E mescolare bene per ottenere un fluido di lavoro DAB completo. Aggiungere il fluido al campione e coprire per dieci minuti. Dopo aver accuratamente lavato i campioni, utilizzare un microscopio ottico per immaginirli.
Per iniziare la coltivazione e il controllo degli IPSC HHT, aggiungere la matrice della membrana basale a sei piastre di coltura cellulare del pozzo per coprire il fondo dei pozzi. Incubare le piastre per un'ora a 37 gradi Celsius. Successivamente, rimuovere la soluzione a matrice di membrana basale utilizzata dai pozzi e aggiungere due millilitri di mezzo mTeSR 1 in ogni pozzo.
Quindi placcare gli IPSC raccolti dall'ultimo passaggio a circa una volta dieci alle sei cellule per pozzo. Dopo aver coltivato gli iPSC per circa quattro giorni, scambiare il mezzo di coltura cellulare con mezzo BEL integrato. Far crescere le cellule per tre giorni per generare cellule mesodermiche.

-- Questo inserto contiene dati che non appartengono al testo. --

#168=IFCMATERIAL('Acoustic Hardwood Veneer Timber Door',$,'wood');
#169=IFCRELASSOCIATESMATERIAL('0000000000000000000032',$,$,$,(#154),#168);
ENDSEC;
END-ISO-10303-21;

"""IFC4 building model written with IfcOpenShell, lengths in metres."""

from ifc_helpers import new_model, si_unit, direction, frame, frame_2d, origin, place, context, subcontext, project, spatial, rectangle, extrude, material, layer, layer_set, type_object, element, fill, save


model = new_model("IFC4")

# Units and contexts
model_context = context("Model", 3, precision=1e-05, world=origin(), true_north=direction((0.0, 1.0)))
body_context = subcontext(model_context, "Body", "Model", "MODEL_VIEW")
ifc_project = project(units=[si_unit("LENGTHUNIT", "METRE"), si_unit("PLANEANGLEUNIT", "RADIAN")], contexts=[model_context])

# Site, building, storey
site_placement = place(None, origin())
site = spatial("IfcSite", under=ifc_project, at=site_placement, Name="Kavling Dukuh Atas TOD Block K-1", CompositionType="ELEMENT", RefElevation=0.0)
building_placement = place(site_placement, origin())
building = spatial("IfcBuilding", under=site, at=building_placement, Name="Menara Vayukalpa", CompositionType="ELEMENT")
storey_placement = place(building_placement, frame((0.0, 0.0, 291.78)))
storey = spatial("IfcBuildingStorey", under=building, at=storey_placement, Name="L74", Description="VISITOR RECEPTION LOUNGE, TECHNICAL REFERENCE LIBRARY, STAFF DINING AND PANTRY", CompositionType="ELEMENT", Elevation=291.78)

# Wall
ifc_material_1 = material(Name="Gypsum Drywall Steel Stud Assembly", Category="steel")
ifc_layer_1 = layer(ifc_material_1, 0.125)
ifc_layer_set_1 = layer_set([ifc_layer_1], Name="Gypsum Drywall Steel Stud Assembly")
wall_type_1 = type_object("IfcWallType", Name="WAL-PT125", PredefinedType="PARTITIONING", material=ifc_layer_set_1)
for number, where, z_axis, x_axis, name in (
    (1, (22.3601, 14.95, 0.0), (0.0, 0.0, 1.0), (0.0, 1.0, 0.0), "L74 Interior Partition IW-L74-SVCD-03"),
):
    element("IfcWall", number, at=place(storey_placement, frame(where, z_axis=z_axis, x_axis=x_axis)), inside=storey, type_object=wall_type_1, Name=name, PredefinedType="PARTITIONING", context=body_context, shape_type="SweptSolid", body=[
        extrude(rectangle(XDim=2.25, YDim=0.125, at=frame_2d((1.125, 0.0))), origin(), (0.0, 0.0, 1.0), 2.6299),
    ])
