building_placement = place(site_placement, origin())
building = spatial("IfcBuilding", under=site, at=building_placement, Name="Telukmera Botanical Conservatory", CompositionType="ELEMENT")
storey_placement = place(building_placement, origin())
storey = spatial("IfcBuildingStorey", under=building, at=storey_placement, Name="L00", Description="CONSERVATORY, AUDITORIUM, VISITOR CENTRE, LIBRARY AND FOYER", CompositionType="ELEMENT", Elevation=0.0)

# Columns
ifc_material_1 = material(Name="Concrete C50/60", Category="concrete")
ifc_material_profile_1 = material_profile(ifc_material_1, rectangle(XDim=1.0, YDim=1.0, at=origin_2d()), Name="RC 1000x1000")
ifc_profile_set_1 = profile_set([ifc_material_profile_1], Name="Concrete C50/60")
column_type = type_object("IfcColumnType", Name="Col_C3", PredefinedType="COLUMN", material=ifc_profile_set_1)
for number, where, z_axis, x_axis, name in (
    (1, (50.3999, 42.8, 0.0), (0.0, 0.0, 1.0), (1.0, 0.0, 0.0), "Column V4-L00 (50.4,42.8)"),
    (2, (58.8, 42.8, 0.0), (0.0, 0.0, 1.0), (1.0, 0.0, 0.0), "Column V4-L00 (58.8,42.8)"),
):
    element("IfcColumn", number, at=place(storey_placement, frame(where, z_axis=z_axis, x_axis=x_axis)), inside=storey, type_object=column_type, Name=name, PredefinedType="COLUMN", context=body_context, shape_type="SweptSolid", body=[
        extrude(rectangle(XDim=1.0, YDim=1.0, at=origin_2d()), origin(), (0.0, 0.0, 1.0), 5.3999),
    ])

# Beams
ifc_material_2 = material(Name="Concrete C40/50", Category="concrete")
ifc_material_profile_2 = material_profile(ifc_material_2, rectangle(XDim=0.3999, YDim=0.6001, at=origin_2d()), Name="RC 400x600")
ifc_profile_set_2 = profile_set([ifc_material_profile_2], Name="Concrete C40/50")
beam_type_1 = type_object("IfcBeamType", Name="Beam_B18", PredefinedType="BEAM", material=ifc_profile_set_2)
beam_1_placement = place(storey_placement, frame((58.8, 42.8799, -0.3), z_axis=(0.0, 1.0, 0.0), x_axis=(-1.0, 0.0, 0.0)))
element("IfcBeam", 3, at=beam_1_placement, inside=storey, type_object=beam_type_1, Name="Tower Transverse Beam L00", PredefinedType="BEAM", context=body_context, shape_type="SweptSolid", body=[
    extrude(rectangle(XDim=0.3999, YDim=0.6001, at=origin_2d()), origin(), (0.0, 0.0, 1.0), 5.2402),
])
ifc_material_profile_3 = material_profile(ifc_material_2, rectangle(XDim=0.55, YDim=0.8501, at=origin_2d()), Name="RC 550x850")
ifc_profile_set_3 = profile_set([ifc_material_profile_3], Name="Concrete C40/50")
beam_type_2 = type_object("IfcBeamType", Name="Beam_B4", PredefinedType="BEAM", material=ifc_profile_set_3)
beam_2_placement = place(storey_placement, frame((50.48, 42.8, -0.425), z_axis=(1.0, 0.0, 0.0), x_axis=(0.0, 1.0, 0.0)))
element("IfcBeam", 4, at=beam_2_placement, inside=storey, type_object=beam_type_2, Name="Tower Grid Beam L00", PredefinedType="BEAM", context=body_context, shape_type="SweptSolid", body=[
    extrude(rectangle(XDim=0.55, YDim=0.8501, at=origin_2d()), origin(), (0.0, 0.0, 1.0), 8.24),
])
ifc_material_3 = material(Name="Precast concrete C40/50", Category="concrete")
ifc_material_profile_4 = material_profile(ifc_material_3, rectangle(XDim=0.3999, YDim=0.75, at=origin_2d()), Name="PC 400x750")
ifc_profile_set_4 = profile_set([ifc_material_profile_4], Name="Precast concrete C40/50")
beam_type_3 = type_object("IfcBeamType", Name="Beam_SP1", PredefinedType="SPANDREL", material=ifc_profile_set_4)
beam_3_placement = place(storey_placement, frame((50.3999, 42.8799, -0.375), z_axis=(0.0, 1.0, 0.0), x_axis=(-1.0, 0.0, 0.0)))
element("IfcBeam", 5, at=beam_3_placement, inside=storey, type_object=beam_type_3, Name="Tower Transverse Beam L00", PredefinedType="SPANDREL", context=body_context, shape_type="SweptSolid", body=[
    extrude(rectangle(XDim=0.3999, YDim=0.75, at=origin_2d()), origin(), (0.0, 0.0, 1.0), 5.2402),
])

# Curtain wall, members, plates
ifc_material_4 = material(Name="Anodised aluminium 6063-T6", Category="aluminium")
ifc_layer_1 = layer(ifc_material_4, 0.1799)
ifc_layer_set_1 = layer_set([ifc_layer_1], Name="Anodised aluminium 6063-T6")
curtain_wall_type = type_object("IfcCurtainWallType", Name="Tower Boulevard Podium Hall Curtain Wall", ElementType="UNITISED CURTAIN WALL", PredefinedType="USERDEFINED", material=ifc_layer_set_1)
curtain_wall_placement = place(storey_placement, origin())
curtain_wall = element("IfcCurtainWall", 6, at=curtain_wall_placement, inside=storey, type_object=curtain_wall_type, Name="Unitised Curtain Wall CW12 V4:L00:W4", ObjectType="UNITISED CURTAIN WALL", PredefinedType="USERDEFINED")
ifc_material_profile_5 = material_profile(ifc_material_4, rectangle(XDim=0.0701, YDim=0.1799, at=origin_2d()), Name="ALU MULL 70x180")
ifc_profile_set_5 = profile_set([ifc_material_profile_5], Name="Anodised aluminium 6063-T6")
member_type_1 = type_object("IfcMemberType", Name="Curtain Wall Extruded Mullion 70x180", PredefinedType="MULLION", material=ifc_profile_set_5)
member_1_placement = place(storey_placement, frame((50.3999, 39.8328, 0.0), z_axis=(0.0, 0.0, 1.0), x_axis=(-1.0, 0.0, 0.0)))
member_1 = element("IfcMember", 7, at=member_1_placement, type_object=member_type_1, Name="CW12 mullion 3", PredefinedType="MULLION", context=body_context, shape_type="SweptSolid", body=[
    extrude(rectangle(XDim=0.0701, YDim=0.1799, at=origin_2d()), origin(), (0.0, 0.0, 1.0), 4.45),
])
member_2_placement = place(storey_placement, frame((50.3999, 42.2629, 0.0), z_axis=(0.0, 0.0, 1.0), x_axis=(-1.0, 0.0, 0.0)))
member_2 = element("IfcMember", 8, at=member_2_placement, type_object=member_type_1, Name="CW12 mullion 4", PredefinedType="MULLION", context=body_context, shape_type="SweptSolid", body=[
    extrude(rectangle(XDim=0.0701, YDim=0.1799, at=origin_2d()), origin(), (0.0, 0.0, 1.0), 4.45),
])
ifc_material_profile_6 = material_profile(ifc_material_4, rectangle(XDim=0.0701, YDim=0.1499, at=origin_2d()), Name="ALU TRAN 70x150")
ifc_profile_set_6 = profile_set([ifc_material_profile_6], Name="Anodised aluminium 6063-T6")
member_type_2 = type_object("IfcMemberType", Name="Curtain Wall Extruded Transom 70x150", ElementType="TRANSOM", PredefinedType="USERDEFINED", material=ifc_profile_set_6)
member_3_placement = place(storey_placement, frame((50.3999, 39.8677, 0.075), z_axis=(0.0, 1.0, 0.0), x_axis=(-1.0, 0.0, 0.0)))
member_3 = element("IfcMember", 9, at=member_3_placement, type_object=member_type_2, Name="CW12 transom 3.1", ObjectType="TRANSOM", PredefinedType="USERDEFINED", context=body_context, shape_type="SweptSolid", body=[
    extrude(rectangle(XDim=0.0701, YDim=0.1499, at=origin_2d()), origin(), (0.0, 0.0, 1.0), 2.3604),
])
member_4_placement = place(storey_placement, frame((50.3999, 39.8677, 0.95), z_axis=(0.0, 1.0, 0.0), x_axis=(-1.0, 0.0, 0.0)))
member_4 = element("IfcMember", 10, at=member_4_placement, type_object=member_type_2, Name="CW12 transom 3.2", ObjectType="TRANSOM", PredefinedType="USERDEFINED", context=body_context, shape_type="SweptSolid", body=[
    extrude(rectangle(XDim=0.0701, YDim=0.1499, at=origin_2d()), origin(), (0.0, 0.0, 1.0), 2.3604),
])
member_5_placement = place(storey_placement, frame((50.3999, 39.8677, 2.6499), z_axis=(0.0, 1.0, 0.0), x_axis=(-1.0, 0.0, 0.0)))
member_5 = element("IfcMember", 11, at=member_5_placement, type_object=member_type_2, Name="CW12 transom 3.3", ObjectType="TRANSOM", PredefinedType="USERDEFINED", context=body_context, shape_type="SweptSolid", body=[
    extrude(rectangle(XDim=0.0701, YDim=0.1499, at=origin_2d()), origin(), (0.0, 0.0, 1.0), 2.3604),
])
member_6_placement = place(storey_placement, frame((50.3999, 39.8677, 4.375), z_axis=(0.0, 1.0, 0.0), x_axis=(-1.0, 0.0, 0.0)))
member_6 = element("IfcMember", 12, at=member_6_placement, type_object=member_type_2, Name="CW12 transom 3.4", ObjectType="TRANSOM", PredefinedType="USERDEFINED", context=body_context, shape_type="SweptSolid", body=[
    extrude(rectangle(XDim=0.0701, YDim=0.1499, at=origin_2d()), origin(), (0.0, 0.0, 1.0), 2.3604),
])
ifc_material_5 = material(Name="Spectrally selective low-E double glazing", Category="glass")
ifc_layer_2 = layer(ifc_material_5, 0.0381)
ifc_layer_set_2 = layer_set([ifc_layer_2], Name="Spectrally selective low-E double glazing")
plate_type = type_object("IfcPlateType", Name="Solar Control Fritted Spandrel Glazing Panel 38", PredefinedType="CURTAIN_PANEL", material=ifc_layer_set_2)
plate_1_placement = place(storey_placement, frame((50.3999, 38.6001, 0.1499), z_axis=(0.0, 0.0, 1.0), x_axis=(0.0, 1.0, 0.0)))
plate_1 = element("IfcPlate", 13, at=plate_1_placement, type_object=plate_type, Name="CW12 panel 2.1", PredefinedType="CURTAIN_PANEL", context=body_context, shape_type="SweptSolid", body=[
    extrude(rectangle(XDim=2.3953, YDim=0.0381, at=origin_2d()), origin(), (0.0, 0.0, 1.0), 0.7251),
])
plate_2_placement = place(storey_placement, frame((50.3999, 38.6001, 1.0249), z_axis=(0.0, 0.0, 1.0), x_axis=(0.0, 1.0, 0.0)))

Per espandere le cellule endoteliali vascolari, sostituire il mezzo con mezzo BEL integrato per quattro giorni. E poi trattare le cellule con lo stesso mezzo e coltura per altri tre o quattro giorni. Purificare le cellule endoteliali vascolari mature utilizzando CD31 Dynabeads secondo le istruzioni del kit.
Quindi raccogliere le celle positive CD31 tramite buffer di eluizione. Mantenere ed espandere le cellule endoteliali purificate nel mezzo EC-SFM contenente VEGF165, bFGF e FBS. Per placcare le cellule endoteliali, iniziare aggiungendo 10 microlitri di matrice di membrana basale per pozzo alle piastre di angiogenesi.

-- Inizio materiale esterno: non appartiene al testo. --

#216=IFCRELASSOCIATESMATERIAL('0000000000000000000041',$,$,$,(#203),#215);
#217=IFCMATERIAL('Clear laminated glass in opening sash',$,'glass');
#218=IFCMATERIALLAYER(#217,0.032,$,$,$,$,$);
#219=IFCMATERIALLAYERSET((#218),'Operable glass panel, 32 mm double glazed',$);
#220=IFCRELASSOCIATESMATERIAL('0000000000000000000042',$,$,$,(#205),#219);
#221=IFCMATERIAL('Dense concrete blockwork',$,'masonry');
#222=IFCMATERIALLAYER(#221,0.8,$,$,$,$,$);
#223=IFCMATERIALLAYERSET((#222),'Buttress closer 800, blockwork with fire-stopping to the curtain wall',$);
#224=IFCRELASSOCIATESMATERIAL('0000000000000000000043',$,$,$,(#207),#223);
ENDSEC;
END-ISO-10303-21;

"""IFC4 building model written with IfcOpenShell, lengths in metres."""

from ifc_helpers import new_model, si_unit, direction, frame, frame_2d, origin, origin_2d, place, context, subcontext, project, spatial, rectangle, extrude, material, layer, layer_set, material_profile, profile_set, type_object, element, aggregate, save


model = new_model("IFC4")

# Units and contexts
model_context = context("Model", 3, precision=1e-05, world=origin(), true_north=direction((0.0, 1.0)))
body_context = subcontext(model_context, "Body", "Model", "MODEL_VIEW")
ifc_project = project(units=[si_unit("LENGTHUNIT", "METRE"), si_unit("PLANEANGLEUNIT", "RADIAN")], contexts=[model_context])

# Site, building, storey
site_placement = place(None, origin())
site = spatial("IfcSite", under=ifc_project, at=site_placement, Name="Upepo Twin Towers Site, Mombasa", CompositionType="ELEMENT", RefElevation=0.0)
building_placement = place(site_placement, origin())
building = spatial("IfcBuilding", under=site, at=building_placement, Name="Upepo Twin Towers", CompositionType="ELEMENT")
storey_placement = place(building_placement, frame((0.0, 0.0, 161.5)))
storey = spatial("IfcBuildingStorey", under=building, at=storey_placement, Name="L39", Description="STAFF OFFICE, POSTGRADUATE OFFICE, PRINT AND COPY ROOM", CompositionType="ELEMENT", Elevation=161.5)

Incubare le piastre a 37 gradi Celsius per 30 minuti. Raccogliere le cellule endoteliali e rimostrarle in mezzo di crescita endoteliale 2 pipettando ripetutamente. Aggiungere 50 microlitri di questa sospensione cellulare alla matrice solidificata in ogni pozzo e quindi incubare le cellule a 37 gradi Celsius.
Dopo tre o cinque ore di incubazione, utilizzare un microscopio ad alta risoluzione per valutare la formazione di tubi endoteliali. Acquisire immagini di almeno dieci aree per ogni gruppo. Ispezionare la lunghezza complessiva del tubo, il numero del tubo e i punti di diramazione.
CISH e WISH sono stati eseguiti per determinare l'espressione dell'endoglina in embrioni post-fecondazione 24 ore su 24. Un marcatore endoteliale emogenico e un marcatore progenitore endoteliale sono stati usati per esaminare l'effetto del silenziamento dell'endoglina. Le frecce rosse indicano regioni in cui l'espressione di questi marcatori, aplnrna e npr1a, è diminuita significativamente.
Il test di formazione del tubo endoteliale è stato eseguito sul mutante endoglino e controlla le cellule endoteliali derivate dall'iPSC. La formazione del tubo è stata valutata e fotografata dopo tre ore. La lunghezza del tubo, il numero del tubo e la ramificazione sono stati quantificati utilizzando il software ImageJ.
Le cellule endoteliali mutanti formavano meno rami del controllo delle cellule endoteliali. E i rami nelle cellule endoteliali mutanti aumentarono significativamente dopo la stimolazione con fattore di crescita endoteliale vascolare. Questo metodo può essere utilizzato anche per la generazione di iPS dal sangue periferico.
E con il metodo chiarisce il ruolo del endocrino nella formazione vascolare in vitro e in vivo. Sapendo che correggere la mutazione può fare la differenza nell'angiogenesi, è possibile trapiantare le cellule di nuovo nei pazienti per una potenziale terapia con cellule staminali.